El intento permanente del Gobierno de culpabilizar a las empresas de todos los males tiene los mismos acordes que la búsqueda permanente del enemigo extranjero de los populismos más rancios. Soluciones fáciles para problemas complejos. Por lo pronto, el mensaje que estamos enviando al resto del mundo es que, a las primeras de cambio, con las primeras consecuencias de las primeras decisiones tomadas para descarbonizar la economía –que, además, están padeciendo también todos los socios europeos–, España ha reaccionado histéricamente cambiando las reglas del juego, hasta el punto de que la medida penaliza precisamente a las tecnologías renovables no emisoras, esas que, al mismo tiempo, se dice querer promover. Estas son las credenciales que presenta el Gobierno español en la casilla de salida de un proceso en el que 27 países, Estados y empresas van a competir por recursos en las mejores condiciones para financiar sus estrategias hacia la sostenibilidad.
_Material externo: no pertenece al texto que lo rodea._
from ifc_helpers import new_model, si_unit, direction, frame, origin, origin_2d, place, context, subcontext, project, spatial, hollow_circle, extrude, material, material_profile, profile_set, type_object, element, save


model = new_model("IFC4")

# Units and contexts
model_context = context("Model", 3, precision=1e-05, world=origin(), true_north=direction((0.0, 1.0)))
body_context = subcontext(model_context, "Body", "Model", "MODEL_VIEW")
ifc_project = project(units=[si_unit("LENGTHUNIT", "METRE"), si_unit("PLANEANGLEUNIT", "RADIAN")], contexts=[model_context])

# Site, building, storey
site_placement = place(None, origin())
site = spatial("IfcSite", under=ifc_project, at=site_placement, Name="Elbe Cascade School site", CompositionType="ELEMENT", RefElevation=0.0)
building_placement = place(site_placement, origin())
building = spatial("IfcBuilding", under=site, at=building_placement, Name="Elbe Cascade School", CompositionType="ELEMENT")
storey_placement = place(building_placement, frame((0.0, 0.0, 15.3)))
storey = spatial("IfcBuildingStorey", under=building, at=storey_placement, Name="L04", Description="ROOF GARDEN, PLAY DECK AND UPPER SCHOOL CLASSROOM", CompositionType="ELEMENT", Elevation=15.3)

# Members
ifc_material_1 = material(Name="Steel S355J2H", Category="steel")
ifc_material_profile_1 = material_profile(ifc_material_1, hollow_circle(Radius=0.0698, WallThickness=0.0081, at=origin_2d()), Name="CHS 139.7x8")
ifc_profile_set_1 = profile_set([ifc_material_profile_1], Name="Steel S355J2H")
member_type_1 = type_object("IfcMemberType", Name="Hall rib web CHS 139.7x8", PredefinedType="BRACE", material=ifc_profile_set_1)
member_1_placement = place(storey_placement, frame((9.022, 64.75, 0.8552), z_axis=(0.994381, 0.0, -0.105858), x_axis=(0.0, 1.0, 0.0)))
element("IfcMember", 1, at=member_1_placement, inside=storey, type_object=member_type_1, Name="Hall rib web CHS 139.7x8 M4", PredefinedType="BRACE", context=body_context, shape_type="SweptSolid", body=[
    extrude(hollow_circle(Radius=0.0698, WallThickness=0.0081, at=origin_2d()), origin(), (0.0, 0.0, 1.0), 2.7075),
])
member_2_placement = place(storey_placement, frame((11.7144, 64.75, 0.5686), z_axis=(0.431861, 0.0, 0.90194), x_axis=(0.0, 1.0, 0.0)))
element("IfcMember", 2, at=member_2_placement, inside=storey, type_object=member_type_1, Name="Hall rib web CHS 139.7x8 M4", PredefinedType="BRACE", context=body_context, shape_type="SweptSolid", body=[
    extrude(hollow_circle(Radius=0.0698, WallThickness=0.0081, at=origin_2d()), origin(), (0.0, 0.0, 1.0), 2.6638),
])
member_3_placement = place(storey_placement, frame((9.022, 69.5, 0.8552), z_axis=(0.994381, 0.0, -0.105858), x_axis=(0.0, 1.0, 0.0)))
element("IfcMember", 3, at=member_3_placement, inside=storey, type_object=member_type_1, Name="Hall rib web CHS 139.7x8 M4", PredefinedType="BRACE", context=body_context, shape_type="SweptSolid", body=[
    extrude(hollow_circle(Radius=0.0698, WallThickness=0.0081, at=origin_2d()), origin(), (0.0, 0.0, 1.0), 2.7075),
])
La decisión tomada por el Gobierno, similar a otras tomadas en el pasado culpabilizando de facto a las empresas energéticas de los fallos provocados por la intervención en el mercado, es lesiva contra el interés general porque la presunta ganancia de los consumidores no sirve para compensar las pérdidas ciertas de las empresas y porque representa un nuevo atentado contra la seguridad jurídica que acaba permeando a otros sectores también intensivos en inversiones y, en consecuencia, en búsqueda de financiación. Quizás lo peor es que este nuevo parche nos aleja de una reforma fiscal estructural que ordene los esquemas de incentivos y compensaciones con los objetivos energéticos comprometidos y que sirva para amortiguar los vaivenes futuros que se seguirán produciendo, y ante los que deberíamos construir diques de consenso político y proteger y ayudar a las empresas sin cuyo concurso sería imposible alcanzar los ambiciosos objetivos comprometidos con horizonte 2030 y 2050.